I'm trying to read in a CSV file into a pandas dataframe and select a column, but keep getting a key error.
The file reads in successfully and I can view the dataframe in an iPython notebook, but when I want to select a column any other than the first one, it throws a key error.
I am using this code:
import pandas as pd
transactions = pd.read_csv('transactions.csv',low_memory=False, delimiter=',', header=0, encoding='ascii')
transactions['quarter']
KeyError Traceback (most recent call last)
Cell In[10], line 2
1 transactions = pd.read_csv('transactions.csv',low_memory=False, delimiter=',', header=0, encoding='ascii')

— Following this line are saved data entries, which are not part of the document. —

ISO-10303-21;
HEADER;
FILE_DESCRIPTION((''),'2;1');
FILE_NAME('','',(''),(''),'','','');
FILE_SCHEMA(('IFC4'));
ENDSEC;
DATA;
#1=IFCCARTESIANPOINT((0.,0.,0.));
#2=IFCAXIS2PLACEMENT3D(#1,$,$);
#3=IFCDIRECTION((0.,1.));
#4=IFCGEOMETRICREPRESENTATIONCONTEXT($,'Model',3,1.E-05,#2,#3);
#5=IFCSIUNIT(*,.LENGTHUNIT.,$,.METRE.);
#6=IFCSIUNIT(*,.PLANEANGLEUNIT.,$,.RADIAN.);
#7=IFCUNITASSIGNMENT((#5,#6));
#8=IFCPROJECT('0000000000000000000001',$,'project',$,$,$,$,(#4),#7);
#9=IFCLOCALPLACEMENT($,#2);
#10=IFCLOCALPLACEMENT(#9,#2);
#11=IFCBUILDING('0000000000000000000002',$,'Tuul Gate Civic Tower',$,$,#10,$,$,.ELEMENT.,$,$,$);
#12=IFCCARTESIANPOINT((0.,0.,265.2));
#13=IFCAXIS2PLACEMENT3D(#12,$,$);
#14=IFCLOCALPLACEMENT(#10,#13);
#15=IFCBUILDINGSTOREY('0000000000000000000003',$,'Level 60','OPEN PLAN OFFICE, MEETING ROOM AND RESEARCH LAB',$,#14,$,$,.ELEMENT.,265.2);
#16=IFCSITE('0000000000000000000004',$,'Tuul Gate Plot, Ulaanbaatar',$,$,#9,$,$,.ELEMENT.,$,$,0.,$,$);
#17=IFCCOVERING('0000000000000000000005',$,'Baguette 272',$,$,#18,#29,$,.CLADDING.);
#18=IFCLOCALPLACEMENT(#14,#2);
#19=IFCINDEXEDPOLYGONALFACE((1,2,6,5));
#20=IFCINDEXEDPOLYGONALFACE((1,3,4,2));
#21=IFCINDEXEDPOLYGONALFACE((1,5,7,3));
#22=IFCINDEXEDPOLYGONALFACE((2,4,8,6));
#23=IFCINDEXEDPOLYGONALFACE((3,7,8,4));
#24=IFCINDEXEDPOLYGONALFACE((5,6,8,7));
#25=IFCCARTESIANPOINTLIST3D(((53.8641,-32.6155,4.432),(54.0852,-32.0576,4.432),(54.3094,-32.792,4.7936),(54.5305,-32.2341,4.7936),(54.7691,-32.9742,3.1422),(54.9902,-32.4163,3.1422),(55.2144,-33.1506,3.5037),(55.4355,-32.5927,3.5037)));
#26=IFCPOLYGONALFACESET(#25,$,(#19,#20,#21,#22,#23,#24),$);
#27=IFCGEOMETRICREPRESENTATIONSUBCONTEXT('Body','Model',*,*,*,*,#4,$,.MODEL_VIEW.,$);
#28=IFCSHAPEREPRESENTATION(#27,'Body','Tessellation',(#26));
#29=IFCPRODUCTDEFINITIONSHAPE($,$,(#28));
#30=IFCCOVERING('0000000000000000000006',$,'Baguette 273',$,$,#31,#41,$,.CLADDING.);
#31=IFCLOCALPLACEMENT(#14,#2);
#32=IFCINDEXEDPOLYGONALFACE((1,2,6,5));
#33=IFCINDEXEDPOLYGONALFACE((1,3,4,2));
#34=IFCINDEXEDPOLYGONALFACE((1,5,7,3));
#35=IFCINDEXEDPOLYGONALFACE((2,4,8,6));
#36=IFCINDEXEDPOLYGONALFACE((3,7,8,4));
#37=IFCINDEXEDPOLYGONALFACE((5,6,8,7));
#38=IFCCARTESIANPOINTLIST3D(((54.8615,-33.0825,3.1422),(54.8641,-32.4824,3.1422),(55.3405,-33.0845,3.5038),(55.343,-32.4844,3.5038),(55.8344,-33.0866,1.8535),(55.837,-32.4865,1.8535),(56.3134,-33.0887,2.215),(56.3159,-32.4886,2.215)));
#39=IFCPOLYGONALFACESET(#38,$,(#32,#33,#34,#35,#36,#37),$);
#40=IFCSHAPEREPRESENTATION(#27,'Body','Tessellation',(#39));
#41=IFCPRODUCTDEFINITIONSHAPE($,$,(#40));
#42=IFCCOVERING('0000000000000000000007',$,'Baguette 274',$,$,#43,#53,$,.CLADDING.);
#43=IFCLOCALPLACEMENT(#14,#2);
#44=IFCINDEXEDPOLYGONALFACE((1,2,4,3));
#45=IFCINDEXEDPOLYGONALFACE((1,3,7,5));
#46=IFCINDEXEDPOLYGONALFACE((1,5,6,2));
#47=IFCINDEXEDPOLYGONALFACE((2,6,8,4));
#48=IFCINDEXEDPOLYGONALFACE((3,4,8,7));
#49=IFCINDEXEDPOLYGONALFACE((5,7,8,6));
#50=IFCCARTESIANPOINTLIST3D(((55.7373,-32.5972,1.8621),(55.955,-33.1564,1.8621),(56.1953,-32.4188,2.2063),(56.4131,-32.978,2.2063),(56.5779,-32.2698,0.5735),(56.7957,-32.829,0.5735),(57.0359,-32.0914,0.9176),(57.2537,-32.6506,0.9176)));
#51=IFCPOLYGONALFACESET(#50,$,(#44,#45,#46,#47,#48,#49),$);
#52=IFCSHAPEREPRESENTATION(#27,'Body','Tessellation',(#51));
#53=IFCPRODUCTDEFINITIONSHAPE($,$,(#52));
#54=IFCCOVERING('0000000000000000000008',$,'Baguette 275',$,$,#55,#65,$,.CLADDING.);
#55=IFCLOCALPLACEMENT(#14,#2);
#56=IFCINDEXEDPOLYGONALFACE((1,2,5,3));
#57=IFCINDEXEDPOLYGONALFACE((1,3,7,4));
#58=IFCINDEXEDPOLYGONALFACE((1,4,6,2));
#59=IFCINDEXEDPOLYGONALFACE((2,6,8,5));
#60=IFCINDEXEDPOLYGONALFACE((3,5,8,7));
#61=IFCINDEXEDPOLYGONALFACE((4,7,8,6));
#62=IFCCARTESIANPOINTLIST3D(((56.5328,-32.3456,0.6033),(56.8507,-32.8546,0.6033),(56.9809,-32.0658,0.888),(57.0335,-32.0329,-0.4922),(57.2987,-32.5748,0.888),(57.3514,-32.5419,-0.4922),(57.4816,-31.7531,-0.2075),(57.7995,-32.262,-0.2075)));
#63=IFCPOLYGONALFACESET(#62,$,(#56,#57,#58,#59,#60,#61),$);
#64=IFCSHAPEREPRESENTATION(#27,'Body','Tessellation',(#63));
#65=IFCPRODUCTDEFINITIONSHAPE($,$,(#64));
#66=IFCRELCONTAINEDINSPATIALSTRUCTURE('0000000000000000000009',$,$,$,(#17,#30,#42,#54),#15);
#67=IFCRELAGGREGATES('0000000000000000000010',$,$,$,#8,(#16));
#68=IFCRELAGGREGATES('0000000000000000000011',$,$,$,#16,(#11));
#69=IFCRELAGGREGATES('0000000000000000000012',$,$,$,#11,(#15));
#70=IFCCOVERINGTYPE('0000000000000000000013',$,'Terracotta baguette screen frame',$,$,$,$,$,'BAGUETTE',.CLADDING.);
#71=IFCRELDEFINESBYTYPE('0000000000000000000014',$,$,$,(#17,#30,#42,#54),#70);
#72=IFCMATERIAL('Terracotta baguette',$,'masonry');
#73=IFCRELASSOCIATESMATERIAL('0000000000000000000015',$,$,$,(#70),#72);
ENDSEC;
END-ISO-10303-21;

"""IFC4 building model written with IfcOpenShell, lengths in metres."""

from ifc_helpers import new_model, si_unit, direction, frame, origin, origin_2d, place, context, subcontext, project, spatial, rectangle, extrude, material, material_profile, profile_set, type_object, element, save


model = new_model("IFC4")

# Units and contexts
model_context = context("Model", 3, precision=1e-05, world=origin(), true_north=direction((0.0, 1.0)))
body_context = subcontext(model_context, "Body", "Model", "MODEL_VIEW")
ifc_project = project(units=[si_unit("LENGTHUNIT", "METRE"), si_unit("PLANEANGLEUNIT", "RADIAN")], contexts=[model_context])

# Site, building, storey
site_placement = place(None, origin())
site = spatial("IfcSite", under=ifc_project, at=site_placement, Name="Tuul Gate Plot, Ulaanbaatar", CompositionType="ELEMENT", RefElevation=0.0)
building_placement = place(site_placement, origin())
building = spatial("IfcBuilding", under=site, at=building_placement, Name="Tuul Gate Civic Tower", CompositionType="ELEMENT")
storey_placement = place(building_placement, frame((0.0, 0.0, 265.2)))
storey = spatial("IfcBuildingStorey", under=building, at=storey_placement, Name="Level 60", Description="OPEN PLAN OFFICE, MEETING ROOM AND RESEARCH LAB", CompositionType="ELEMENT", Elevation=265.2)

# Coverings
ifc_material_1 = material(Name="Terracotta baguette", Category="masonry")
ifc_material_profile_1 = material_profile(ifc_material_1, rectangle(XDim=0.6001, YDim=0.6001, at=origin_2d()), Name="Terracotta baguette screen frame")
ifc_profile_set_1 = profile_set([ifc_material_profile_1], Name="Terracotta baguette")
covering_type = type_object("IfcCoveringType", Name="Terracotta baguette screen frame", ElementType="BAGUETTE", PredefinedType="CLADDING", material=ifc_profile_set_1)
covering_1_placement = place(storey_placement, frame((54.1973, -32.4248, 4.6128), z_axis=(0.560062, -0.22194, -0.798168), x_axis=(0.368405, 0.929665, 0.0)))
element("IfcCovering", 1, at=covering_1_placement, inside=storey, type_object=covering_type, Name="Baguette 272", PredefinedType="CLADDING", context=body_context, shape_type="SweptSolid", body=[
    extrude(rectangle(XDim=0.6001, YDim=0.6001, at=origin_2d()), origin(), (0.0, 0.0, 1.0), 1.616),
])
covering_2_placement = place(storey_placement, frame((55.1023, -32.7834, 3.323), z_axis=(0.602487, -0.00257, -0.798125), x_axis=(0.004266, 0.999991, 0.0)))
element("IfcCovering", 2, at=covering_2_placement, inside=storey, type_object=covering_type, Name="Baguette 273", PredefinedType="CLADDING", context=body_context, shape_type="SweptSolid", body=[
    extrude(rectangle(XDim=0.6001, YDim=0.6001, at=origin_2d()), origin(), (0.0, 0.0, 1.0), 1.6147),
])
covering_3_placement = place(storey_placement, frame((56.0752, -32.7876, 2.0342), z_axis=(0.534394, 0.208139, -0.819208), x_axis=(-0.362929, 0.931817, 0.0)))
element("IfcCovering", 3, at=covering_3_placement, inside=storey, type_object=covering_type, Name="Baguette 274", PredefinedType="CLADDING", context=body_context, shape_type="SweptSolid", body=[
    extrude(rectangle(XDim=0.6001, YDim=0.6001, at=origin_2d()), origin(), (0.0, 0.0, 1.0), 1.573),
])
covering_4_placement = place(storey_placement, frame((56.9158, -32.4602, 0.7456), z_axis=(0.402383, 0.251318, -0.880299), x_axis=(-0.529739, 0.848161, 0.0)))
element("IfcCovering", 4, at=covering_4_placement, inside=storey, type_object=covering_type, Name="Baguette 275", PredefinedType="CLADDING", context=body_context, shape_type="SweptSolid", body=[
    extrude(rectangle(XDim=0.6001, YDim=0.6001, at=origin_2d()), origin(), (0.0, 0.0, 1.0), 1.2444),
])

save(model, "model.ifc")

----> 2 transactions['quarter']
File ~\anaconda3\envs\py312\Lib\site-packages\pandas\core\frame.py:3896, in DataFrame.__getitem__(self, key)
3894 if self.columns.nlevels > 1:
3895 return self._getitem_multilevel(key)
-> 3896 indexer = self.columns.get_loc(key)
3897 if is_integer(indexer):
3898 indexer = [indexer]
File ~\anaconda3\envs\py312\Lib\site-packages\pandas\core\indexes\base.py:3797, in Index.get_loc(self, key)
3792 if isinstance(casted_key, slice) or (
3793 isinstance(casted_key, abc.Iterable)
3794 and any(isinstance(x, slice) for x in casted_key)
3795 ):
3796 raise InvalidIndexError(key)
-> 3797 raise KeyError(key) from err
3798 except TypeError:
3799 # If we have a listlike key, _check_indexing_error will raise
3800 # InvalidIndexError. Otherwise we fall through and re-raise
3801 # the TypeError.
3802 self._check_indexing_error(key)
KeyError: 'quarter'
transactions.csv
Full data file
product_id, customer_id, store_id, promotion_id, month_of_year, quarter, the_year, store_sales, store_cost, unit_sales, fact_count
1,157,24,1869,12,'Q4',1997,'8.5500','2.9925','3.0000',1
1,456,15,0,6,'Q2',1997,'11.4000','4.3320','4.0000',1
1,638,11,0,9,'Q3',1997,'8.5500','2.9925','3.0000',1
1,916,7,0,4,'Q2',1997,'11.4000','4.9020','4.0000',1
1,923,15,0,7,'Q3',1997,'8.5500','2.7360','3.0000',1
1,1312,3,0,5,'Q2',1997,'8.5500','3.6765','3.0000',1
1,1565,24,0,9,'Q3',1997,'8.5500','4.1895','3.0000',1
1,2270,11,0,11,'Q4',1997,'8.5500','4.0185','3.0000',1
1,3065,3,0,11,'Q4',1997,'5.7000','2.5080','2.0000',1
1,3441,3,0,8,'Q3',1997,'8.5500','3.4200','3.0000',1
1,3528,17,0,10,'Q4',1997,'8.5500','3.8475','3.0000',1
1,4461,11,0,4,'Q2',1997,'8.5500','2.9925','3.0000',1
Use sep=r'\s*,\s*'
to parse a file where the columns may have some number of spaces preceding or following the delimiter (e.g. ,
):
transactions = pd.read_csv('transactions.csv', sep=r'\s*,\s*',
header=0, encoding='ascii', engine='python')
Prove:
print(transactions.columns)
Output:
Index(['product_id', 'customer_id', 'store_id', 'promotion_id', 'month_of_year', 'quarter', 'the_year', 'store_sales', 'store_cost', 'unit_sales', 'fact_count'], dtype='object')
Alternatively, remove unquoted spaces in the CSV file, and use your command (unchanged).